Willy, upright now, but still ashen faced, said, “No. All I want’s a return bout.”
Stegman shook his head. “On your own time, Willy,” he said. “Come on, you.”
Parker followed him to the front office, where Stegman went behind the railing and took one of the keys from the rack on the wall. “I’m taking the Chrysler, Willy,” he called into the back room. “I’m going down to the beach. Be gone twenty minutes.”
“Twenty minutes. Okay.” Willy came to the door and looked at Parker. “I’m on my own time startin’ six o’clock,” he said.
Parker turned his back and walked out the shack after Stegman. Stegman pointed at a black nine-passenger Chrysler limousine. “We’ll take that. We can’t talk in the office. No privacy. Those guys don’t know nothin’ about this stuff.”
They got into the limousine, and Stegman drove it out around the shack to the street. Looking out the rear window, Parker saw the cop standing in the shack doorway, frowning.
Stegman drove up to the corner of Rockaway Parkway and turned left. “You can start talking any time,” he said.
Parker pointed at the two-way radio under the dashboard. “If you’re not back in twenty minutes, Sparks calls you, is that it?”

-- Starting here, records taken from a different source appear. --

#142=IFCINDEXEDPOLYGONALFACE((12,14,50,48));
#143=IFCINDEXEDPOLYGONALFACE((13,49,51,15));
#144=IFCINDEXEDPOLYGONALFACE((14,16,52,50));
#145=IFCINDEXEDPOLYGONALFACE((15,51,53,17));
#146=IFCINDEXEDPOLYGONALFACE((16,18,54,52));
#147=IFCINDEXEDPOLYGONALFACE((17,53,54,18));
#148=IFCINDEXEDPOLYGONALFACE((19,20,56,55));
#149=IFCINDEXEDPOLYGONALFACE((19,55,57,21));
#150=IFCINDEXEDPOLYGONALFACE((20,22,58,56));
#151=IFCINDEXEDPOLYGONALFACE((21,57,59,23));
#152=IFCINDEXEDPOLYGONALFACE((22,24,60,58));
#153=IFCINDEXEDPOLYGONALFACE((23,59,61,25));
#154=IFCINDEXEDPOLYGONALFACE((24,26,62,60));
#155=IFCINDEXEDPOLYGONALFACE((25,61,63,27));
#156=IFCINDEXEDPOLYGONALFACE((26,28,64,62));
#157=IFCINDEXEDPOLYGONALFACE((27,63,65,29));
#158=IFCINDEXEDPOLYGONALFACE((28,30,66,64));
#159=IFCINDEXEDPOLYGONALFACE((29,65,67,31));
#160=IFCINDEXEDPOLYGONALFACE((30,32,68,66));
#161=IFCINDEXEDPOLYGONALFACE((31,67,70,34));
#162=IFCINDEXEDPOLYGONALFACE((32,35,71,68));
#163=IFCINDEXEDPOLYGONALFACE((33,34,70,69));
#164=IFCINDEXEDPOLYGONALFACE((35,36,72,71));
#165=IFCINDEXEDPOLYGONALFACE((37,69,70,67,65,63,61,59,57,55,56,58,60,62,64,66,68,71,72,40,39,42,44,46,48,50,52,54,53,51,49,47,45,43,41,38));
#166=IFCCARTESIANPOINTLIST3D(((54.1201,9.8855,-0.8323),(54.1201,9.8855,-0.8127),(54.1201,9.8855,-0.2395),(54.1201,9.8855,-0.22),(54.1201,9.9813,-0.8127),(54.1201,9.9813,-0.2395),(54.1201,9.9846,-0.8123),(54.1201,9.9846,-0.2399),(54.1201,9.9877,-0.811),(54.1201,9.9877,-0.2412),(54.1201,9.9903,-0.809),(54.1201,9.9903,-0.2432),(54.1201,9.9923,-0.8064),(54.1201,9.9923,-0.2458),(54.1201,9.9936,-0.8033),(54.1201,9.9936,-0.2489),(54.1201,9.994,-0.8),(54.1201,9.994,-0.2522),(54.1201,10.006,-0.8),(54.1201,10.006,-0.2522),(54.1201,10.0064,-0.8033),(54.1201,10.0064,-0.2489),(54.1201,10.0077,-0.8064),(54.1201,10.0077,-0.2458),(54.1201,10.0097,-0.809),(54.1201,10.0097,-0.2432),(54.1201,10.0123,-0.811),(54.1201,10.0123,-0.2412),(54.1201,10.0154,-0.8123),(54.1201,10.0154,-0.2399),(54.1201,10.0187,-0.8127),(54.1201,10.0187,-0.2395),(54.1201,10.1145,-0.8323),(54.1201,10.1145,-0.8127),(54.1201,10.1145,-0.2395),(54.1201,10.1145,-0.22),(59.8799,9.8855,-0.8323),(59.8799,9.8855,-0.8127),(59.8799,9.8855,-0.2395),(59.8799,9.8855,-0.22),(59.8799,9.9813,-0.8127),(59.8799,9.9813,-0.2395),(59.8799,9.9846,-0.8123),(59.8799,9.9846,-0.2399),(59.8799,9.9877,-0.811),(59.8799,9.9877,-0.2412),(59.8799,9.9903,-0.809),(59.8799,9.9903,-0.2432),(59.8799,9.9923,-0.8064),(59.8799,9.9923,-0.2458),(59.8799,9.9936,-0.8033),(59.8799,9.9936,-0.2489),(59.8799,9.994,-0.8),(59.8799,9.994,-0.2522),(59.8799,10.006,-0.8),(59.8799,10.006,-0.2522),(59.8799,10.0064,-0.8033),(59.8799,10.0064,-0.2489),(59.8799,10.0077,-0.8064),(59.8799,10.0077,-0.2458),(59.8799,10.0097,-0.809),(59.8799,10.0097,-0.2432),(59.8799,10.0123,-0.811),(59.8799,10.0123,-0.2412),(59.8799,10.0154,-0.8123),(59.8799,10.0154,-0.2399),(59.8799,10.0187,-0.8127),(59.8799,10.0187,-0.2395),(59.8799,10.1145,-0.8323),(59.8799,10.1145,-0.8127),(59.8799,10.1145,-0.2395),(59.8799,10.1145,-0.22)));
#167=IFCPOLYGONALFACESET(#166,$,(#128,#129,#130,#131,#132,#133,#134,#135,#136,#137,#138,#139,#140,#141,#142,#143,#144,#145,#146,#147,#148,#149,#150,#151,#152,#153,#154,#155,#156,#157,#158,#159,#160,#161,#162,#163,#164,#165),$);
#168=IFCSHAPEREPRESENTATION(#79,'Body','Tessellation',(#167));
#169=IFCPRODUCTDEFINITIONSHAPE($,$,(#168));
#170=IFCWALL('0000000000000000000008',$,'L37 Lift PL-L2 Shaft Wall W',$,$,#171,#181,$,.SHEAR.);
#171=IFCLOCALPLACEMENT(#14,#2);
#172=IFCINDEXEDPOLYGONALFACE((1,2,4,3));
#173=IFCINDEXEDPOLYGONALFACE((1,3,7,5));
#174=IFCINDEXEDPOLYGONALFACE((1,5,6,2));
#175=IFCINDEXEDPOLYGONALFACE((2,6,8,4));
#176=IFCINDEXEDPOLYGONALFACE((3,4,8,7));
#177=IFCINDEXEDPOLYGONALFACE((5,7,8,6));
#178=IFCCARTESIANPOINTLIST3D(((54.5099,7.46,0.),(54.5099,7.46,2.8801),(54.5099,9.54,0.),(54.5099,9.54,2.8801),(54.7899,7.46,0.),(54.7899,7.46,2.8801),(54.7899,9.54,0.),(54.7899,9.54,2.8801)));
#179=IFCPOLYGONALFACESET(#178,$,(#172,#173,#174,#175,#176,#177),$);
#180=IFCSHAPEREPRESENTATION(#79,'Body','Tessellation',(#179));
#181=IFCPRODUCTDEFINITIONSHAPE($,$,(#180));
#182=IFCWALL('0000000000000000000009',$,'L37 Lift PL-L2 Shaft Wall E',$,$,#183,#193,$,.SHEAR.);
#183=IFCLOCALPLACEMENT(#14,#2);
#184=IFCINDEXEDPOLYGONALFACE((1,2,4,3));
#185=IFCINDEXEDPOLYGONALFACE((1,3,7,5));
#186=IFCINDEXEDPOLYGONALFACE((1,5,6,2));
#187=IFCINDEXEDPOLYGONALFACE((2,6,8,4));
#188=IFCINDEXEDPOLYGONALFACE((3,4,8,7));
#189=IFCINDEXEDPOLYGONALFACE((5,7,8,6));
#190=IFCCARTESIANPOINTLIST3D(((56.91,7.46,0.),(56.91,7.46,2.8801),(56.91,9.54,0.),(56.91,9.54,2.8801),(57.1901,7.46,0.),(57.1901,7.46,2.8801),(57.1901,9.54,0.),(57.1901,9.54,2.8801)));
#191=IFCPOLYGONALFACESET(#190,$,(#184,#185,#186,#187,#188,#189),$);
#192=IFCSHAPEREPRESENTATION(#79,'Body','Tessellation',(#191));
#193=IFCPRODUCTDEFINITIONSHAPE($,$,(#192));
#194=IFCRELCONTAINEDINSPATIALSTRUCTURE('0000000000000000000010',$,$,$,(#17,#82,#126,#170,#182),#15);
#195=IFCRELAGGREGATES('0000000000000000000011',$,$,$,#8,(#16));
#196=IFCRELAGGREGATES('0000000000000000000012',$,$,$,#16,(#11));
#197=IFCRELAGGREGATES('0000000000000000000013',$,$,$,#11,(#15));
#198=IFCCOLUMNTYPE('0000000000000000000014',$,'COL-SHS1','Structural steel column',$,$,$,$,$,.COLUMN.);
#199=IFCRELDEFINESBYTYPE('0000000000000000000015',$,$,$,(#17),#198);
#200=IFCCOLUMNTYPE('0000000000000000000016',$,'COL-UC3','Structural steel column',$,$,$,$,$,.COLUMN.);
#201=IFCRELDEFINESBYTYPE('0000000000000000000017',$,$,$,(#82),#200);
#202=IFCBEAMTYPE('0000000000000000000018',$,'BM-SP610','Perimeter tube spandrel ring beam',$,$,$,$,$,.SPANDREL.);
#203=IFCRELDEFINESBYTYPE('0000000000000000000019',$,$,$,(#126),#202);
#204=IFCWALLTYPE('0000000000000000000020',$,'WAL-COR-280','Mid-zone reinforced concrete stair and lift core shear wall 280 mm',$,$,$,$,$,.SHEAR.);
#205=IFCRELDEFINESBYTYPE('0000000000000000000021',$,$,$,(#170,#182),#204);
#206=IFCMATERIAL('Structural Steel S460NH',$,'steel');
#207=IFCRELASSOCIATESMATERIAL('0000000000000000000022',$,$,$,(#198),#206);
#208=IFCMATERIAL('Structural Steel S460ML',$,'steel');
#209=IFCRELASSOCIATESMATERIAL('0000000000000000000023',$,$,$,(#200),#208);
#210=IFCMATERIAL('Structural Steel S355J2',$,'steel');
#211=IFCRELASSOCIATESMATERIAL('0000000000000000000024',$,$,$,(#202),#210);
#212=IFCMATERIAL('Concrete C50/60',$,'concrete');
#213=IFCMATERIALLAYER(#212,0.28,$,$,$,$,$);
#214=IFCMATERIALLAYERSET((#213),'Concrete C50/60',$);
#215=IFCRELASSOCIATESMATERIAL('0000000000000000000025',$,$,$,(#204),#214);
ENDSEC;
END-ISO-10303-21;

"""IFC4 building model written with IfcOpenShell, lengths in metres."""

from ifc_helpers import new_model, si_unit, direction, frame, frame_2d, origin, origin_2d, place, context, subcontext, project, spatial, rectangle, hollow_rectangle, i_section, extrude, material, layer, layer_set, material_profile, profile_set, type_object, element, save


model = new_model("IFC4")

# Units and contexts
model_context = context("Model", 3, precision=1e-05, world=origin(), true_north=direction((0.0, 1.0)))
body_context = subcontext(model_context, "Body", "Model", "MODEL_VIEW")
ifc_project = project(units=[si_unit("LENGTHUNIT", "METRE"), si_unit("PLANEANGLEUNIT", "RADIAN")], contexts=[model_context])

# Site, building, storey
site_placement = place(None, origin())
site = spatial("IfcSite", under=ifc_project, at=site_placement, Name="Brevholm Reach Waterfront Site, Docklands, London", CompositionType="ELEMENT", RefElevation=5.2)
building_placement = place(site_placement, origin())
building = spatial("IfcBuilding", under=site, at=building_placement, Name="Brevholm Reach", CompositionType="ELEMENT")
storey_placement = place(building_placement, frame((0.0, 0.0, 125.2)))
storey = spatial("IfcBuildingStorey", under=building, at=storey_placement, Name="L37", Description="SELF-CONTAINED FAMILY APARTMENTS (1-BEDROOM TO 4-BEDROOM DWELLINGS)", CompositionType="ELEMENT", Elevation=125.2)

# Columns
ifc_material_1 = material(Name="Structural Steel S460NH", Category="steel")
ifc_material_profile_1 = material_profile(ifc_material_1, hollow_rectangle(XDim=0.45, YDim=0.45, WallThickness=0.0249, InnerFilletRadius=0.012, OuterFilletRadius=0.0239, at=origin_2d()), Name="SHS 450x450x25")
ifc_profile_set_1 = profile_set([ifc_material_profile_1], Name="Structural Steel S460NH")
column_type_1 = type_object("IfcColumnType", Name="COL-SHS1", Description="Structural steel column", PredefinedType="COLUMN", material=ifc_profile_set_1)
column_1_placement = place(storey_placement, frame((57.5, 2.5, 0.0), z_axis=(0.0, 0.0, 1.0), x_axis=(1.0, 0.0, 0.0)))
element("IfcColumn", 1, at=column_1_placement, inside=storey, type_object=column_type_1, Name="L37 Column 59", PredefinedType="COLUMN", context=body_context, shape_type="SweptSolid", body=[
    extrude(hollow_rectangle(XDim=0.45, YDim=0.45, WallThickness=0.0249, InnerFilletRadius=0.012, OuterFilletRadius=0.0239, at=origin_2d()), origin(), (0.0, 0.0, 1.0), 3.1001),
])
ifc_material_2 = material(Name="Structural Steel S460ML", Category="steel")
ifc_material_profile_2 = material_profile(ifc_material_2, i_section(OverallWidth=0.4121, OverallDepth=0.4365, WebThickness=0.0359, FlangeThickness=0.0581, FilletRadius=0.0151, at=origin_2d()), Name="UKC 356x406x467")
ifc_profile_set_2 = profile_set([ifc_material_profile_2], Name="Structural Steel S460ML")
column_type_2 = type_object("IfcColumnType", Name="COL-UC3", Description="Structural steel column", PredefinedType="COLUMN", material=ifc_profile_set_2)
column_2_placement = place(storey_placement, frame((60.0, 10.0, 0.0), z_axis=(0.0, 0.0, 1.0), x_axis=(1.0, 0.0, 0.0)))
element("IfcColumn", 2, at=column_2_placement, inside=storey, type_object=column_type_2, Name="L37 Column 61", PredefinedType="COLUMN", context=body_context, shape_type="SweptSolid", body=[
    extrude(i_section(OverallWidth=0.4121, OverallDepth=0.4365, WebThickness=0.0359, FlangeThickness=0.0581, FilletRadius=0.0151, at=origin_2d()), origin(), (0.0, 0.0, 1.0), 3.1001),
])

“And if I don’t answer,” Stegman answered, “he calls every other car I’ve got. How come you know about Sidney?”
“I was with the girl. Lynn Parker.”
Stegman glanced at him, then back at the traffic. “You know a lot. How come I don’t recognize you?”
“I just got in town. Watch your driving, there’s a lot of kids.”
“I know how to drive.”
“Maybe we better wait till we get to this beach.”
Stegman shrugged.
They drove nine blocks down Rockaway Parkway, then through an underpass under the Belt Parkway and around a circle to a broad cobblestone pier sticking out into Jamaica Bay. There were a couple of Parks Department — type buildings out at the far end of the pier. The rest was parking lot, with a few small skinny trees, the whole surrounded by a railed concrete walk and benches.
Stegman stopped in the parking lot, which was almost empty. “The Bay’s polluted,” he said. “There’s no swimming here. Kids come here at night and neck, that’s all.” He shifted in the seat, facing Parker, and said, “Now what’s this about Sidney? He wouldn’t dare run off with the dough.”
“He didn’t.” Parker took the envelope out of his pocket and dropped it on top of the dashboard. “I took it away from him.”
Stegman’s hand reached toward the radio switch. “What the hell is this? What are you up to?”
“Touch that switch and I’ll break your arm.”
Stegman’s hand stopped.
Parker nodded. “I’m looking for Mal Resnick,” he said. “You’re going to tell me where he is.”
“No. Even if I knew, the answer would still be no.”
“You’ll tell me. I want to tell him he doesn’t have to pay her off any more.”
“Why not?”
“She’s dead. So is your fat pansy. You can be dead, too, if you want.”